# Law Enforcement Body Camera Task Force



## Bloodhound (May 20, 2010)

If you haven't seen it, the Law Enforcement Body Camera Task Force (created by the police reform law) released their recommended regulations. 









Law Enforcement Body Camera Task Force


Here you'll find resources and documents related to the Law Enforcement Body Camera Task Force .




www.mass.gov





It's quite a read. Basically, if you don't have body cameras, expect to sometime in the relatively near future. And don't plan on ever reviewing your video prior to writing your narrative. No mention of how this will all be funded of course.


----------



## Riverhawks91 (5 mo ago)

This is going to cost everyone more than they expect in OT and probably not going to get them the results they want.


----------



## EUPD377 (Jan 30, 2020)

I’ve got no problem with body cameras.
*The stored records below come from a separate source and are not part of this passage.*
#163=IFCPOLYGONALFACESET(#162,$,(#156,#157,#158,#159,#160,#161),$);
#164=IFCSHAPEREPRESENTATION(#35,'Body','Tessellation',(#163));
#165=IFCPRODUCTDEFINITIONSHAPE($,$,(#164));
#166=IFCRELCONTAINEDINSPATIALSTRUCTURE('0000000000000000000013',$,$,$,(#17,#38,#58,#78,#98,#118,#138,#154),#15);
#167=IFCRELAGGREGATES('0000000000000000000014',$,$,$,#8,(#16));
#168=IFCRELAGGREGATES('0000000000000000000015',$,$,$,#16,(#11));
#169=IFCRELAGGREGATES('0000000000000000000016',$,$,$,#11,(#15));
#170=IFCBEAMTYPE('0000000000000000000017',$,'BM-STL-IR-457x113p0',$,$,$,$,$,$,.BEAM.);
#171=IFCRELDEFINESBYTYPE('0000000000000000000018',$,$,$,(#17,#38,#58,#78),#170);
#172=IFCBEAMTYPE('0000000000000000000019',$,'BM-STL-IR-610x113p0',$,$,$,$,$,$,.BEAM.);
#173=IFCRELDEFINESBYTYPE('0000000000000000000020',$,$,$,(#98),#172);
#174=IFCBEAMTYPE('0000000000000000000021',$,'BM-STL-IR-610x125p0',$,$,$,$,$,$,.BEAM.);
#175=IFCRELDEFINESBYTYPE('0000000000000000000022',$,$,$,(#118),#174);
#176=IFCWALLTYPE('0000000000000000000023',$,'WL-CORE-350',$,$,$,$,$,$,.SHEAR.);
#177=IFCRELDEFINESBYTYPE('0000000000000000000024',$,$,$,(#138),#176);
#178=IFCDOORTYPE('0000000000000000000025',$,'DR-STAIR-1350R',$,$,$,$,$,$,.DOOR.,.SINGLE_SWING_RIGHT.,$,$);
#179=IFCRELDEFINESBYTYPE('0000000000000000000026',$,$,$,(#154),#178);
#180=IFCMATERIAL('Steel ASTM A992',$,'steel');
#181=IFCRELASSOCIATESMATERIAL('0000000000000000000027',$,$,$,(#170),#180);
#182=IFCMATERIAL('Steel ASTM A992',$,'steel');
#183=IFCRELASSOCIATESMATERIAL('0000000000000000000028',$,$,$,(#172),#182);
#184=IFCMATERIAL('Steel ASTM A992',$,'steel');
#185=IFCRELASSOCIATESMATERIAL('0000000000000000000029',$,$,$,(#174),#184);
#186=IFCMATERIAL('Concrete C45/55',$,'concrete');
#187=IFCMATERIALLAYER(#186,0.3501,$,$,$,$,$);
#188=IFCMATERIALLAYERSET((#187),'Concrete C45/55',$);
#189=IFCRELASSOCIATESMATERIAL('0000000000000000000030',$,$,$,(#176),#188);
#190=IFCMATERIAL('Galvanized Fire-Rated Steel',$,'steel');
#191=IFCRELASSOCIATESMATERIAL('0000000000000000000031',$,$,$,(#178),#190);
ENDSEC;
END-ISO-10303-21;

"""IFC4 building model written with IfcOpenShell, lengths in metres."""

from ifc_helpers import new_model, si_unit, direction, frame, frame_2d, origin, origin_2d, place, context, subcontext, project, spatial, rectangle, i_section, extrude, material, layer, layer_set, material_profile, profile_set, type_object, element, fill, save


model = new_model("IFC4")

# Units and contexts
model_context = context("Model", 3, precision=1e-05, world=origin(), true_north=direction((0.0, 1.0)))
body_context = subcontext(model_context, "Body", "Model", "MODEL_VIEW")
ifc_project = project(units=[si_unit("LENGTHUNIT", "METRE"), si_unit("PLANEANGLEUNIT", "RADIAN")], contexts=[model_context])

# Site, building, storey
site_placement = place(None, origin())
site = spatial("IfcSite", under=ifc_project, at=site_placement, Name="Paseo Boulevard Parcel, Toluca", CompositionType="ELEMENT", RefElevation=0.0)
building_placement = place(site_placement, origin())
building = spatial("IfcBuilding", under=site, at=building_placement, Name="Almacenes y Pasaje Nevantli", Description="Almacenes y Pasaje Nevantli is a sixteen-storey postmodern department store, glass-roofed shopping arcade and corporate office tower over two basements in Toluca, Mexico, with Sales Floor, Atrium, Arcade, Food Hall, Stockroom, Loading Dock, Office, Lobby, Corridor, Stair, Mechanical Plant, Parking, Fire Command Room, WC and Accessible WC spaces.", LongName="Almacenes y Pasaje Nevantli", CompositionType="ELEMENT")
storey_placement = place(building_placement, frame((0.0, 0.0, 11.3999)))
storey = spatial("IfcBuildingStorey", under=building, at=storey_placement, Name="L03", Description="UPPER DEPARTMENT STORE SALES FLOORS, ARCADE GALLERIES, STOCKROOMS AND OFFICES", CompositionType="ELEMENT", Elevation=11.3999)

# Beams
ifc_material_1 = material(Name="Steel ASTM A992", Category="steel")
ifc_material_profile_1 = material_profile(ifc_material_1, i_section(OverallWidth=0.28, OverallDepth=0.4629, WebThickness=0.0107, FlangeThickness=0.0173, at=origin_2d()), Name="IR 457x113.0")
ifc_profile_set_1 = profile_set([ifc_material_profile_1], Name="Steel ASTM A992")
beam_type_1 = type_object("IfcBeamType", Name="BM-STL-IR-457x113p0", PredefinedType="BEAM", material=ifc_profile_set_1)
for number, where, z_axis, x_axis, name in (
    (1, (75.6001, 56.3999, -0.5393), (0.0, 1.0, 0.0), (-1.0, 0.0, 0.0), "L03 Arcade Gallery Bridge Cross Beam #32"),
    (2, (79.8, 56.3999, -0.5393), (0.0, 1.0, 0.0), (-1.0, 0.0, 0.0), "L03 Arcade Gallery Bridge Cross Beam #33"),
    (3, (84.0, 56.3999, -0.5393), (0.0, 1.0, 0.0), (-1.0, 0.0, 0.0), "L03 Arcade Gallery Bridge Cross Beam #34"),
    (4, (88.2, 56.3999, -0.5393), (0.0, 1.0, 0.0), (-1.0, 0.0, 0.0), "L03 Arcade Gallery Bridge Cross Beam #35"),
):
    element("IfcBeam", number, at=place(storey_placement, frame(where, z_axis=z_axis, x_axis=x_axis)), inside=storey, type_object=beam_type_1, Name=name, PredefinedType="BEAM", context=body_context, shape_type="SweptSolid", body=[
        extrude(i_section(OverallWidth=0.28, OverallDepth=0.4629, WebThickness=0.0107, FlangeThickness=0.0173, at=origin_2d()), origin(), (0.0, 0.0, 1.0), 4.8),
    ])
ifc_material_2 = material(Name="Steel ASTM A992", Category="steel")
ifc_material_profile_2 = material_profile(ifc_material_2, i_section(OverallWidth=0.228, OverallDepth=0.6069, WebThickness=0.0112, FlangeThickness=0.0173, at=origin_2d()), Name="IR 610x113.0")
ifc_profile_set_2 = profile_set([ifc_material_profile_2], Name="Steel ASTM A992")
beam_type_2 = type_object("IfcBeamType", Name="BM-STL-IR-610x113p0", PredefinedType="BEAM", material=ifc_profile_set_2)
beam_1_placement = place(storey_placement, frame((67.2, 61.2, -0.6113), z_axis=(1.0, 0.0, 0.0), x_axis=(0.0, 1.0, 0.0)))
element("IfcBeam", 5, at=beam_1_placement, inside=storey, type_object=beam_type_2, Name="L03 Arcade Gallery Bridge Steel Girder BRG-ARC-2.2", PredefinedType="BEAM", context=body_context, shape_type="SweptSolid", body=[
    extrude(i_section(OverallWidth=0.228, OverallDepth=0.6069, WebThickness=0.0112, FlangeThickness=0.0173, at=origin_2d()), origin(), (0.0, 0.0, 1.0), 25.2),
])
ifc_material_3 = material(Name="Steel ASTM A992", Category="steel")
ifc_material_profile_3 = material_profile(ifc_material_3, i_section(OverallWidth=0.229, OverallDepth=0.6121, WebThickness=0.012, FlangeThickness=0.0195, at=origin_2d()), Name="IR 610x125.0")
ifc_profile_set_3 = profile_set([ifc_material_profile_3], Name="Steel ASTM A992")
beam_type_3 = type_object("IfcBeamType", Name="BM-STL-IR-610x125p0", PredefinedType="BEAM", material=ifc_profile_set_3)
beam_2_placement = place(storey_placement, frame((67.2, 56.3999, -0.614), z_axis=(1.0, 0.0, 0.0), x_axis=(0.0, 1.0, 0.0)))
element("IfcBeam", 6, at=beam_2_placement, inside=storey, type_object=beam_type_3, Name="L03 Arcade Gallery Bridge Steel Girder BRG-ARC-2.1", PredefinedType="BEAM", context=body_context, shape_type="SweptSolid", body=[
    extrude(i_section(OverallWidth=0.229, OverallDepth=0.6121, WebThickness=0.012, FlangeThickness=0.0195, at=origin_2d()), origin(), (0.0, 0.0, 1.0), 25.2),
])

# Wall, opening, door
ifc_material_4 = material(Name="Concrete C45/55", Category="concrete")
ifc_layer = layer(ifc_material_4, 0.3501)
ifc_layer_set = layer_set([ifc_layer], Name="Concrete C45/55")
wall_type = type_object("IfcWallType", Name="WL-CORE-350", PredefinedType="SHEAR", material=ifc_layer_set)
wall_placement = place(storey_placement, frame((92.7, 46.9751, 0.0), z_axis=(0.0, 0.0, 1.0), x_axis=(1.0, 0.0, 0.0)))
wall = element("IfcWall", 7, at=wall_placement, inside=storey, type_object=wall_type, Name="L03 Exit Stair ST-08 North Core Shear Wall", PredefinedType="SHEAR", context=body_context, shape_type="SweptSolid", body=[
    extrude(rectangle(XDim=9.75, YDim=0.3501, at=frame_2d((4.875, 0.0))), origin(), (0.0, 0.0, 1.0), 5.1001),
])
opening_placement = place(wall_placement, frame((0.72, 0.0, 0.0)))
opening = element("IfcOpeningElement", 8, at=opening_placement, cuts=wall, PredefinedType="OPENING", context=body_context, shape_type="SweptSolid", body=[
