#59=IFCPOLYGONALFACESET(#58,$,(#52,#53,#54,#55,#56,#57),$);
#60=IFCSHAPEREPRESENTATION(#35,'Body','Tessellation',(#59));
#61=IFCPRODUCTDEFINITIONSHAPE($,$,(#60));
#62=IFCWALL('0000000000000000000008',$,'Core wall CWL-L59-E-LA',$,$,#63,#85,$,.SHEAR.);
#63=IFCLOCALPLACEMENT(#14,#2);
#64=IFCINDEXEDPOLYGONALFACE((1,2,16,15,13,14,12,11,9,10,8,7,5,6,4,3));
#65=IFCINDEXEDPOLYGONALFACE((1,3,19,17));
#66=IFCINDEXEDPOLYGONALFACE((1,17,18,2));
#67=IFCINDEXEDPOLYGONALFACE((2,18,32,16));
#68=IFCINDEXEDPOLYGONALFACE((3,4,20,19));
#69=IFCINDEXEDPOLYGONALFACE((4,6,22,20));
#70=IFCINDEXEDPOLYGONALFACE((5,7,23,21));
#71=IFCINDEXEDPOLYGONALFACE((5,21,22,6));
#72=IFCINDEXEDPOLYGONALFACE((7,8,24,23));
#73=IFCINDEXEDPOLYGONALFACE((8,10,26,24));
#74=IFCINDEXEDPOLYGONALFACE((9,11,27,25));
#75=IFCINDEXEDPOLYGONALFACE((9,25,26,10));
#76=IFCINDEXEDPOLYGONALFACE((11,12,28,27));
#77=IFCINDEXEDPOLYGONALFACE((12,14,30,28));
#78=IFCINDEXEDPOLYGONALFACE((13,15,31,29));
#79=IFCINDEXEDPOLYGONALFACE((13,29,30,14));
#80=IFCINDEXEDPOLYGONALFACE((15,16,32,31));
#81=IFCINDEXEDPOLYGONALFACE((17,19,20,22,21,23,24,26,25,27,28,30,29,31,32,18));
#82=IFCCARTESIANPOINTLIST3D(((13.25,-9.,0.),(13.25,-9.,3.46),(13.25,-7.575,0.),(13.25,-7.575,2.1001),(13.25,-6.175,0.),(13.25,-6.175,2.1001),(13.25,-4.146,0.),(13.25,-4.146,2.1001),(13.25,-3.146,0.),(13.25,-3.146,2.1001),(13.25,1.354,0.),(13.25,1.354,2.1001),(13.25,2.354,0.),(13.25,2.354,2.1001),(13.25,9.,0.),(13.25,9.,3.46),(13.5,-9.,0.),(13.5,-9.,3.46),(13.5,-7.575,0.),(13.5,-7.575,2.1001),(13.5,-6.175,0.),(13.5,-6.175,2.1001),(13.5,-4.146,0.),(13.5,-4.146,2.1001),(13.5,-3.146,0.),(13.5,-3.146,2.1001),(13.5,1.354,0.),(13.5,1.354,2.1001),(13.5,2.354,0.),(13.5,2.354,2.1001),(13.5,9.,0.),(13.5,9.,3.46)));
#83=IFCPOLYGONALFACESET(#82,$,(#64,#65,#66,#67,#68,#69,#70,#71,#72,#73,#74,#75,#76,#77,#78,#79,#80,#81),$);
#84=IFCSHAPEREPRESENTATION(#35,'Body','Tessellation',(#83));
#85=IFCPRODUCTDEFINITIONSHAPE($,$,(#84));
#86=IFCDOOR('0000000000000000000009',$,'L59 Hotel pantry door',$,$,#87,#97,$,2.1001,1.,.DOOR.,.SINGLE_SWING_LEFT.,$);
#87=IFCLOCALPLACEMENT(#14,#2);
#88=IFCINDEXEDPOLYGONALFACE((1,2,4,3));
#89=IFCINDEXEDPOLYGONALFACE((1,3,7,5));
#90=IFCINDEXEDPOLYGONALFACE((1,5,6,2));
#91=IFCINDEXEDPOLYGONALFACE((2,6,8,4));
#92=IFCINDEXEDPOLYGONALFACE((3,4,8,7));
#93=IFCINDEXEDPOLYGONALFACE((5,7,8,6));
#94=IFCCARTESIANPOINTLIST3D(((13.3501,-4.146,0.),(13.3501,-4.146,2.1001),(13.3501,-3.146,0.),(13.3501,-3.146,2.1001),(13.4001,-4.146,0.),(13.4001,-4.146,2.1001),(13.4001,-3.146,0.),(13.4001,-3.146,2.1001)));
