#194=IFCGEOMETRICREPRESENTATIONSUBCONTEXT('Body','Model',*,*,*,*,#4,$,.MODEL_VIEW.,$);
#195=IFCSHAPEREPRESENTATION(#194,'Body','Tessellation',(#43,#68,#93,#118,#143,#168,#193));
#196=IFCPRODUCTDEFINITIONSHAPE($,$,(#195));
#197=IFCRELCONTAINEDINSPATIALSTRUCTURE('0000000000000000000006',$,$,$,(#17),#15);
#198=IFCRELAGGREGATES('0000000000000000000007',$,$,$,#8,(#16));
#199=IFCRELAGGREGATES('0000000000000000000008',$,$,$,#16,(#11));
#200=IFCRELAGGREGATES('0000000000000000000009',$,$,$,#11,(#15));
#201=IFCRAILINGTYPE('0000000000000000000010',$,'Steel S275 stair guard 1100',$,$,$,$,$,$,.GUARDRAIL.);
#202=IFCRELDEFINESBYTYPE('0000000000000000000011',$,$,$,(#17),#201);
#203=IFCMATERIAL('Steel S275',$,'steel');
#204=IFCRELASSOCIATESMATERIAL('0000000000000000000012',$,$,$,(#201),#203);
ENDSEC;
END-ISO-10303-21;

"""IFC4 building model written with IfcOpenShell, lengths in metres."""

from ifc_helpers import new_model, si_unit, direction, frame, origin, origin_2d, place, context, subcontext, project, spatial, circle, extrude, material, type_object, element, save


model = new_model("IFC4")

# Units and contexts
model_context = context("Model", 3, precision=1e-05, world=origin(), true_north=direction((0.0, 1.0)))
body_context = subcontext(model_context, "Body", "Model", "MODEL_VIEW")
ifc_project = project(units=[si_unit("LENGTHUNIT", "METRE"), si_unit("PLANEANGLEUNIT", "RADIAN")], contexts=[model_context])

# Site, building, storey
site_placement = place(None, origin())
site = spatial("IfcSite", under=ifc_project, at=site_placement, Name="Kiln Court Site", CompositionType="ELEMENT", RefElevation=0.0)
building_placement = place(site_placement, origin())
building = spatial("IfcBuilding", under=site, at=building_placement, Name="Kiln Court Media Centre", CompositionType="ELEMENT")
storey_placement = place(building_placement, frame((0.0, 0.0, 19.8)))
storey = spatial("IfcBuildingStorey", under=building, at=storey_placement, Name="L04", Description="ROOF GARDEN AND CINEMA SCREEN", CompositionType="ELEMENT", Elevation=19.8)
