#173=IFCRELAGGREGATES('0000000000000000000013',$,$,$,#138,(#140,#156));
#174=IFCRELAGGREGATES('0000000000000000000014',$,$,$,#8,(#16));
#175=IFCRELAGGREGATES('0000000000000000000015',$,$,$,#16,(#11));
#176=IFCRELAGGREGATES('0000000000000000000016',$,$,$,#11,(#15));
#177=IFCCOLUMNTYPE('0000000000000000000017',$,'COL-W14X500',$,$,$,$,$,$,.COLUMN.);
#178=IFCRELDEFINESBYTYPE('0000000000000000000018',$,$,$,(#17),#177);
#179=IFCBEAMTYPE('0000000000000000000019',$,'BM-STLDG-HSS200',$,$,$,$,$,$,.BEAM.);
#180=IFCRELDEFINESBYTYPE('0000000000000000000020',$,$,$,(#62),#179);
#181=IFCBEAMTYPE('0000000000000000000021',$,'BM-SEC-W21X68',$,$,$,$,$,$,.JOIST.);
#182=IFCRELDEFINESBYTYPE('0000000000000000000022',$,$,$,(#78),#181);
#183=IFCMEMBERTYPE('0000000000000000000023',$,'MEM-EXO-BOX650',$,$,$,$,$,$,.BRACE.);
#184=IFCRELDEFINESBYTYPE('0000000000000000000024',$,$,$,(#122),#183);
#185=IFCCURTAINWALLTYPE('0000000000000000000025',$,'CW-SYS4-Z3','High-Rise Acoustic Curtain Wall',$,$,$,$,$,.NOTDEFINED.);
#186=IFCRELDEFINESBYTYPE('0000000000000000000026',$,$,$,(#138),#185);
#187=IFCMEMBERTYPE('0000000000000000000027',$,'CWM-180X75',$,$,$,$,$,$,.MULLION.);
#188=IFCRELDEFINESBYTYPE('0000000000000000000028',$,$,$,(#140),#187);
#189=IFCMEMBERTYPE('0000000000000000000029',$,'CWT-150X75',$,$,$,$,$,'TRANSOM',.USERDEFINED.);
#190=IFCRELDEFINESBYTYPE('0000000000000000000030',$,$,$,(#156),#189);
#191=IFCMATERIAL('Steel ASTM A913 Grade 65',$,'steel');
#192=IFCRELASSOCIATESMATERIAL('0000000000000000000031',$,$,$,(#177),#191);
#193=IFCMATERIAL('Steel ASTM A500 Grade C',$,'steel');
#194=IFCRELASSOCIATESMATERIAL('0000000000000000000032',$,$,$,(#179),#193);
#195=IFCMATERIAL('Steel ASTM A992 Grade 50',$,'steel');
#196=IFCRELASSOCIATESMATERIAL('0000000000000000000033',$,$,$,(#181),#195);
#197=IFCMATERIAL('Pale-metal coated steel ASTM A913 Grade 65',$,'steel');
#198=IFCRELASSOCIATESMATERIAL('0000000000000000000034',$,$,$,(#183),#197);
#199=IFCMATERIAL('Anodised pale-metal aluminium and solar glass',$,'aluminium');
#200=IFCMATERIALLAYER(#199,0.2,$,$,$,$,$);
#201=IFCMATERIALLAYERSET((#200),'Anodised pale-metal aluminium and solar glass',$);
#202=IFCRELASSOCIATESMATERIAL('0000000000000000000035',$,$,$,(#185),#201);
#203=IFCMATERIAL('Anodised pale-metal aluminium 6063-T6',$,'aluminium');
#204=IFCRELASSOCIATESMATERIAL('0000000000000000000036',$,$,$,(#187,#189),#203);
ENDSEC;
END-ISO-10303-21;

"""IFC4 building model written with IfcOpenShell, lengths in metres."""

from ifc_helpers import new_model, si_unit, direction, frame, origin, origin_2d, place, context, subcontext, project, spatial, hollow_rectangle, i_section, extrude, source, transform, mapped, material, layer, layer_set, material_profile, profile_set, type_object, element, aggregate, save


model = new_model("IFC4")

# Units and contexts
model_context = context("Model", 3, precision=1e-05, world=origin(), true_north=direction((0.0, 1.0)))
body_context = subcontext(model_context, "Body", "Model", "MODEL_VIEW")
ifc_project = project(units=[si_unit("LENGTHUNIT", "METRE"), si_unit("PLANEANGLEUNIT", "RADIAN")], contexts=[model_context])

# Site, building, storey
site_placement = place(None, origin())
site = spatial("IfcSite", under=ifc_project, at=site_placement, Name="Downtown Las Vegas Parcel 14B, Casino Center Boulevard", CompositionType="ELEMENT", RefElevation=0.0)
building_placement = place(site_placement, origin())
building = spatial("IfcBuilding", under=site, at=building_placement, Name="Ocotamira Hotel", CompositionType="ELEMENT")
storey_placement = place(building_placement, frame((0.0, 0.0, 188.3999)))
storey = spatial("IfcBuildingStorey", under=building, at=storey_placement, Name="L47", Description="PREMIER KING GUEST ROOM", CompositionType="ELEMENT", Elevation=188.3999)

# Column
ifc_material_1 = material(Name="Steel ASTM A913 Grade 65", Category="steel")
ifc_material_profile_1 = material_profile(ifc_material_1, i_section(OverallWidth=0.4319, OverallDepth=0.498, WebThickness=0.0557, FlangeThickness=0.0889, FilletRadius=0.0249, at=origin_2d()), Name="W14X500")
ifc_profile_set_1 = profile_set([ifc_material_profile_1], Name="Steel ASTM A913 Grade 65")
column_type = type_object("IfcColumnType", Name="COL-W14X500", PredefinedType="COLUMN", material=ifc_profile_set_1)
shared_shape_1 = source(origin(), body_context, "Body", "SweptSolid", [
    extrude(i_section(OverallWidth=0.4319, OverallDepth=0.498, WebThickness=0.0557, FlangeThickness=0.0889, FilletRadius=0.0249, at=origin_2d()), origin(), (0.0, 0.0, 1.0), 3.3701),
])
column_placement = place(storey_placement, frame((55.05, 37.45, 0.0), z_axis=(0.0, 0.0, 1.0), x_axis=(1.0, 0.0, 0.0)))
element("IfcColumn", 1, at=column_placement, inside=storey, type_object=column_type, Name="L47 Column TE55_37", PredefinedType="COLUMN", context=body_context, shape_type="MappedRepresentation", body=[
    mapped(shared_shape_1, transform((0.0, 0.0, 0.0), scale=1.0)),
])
In fact, mines saved my ass from false complaints many times and never gotten me in trouble.

HOWEVER, blocking cops from looking at their video prior to writing reports is nothing but activists trying to get cops hung up. Looking at your video doesn’t change what you did, so if you’re wrong, you’re still screwed. What it does do is get you made to look like a liar in court because your report says you told someone to put their hands up three times and you actually only said it twice. Anyone who thinks they can remember every little detail of an incident accurately has never been in a rapidly evolving and dangerous situation.


----------



## LA Copper (Feb 11, 2005)

I agree with you EU. My department, the LAPD, has had body cameras for about 8 years now. At this point, everyone's grown accustomed to them and you're right, they've saved numerous people from frivolous personnel complaints.

They are also important when it comes to critical incidents like officer involved shootings, and major uses of force. As long as you know your department's policies and do things within law and policy, the video can only help you.

The vocal minority of folks out there are gonna have their negative opinions of us no matter what. At least with body worn videos, we have something to back us up.

And I agree with you EU regarding the writing of reports after watching the videos. That's how we do it, which works best.


----------



## j809 (Jul 5, 2002)

Bloodhound said:


> If you haven't seen it, the Law Enforcement Body Camera Task Force (created by the police reform law) released their recommended regulations.
> 
> 
> 
> ...


They are not requiring departments to implement them. 


Sent from my iPhone using Tapatalk


----------



## Bloodhound (May 20, 2010)

j809 said:


> They are not requiring departments to implement them.
> 
> 
> Sent from my iPhone using Tapatalk


Not yet. The legislature would need to do that. This was just step 1 in the process.


----------



## Riverhawks91 (5 mo ago)

Has anybody talked percentages yet or know if anyones gotten anything for them besides nothing or a stipend ?


----------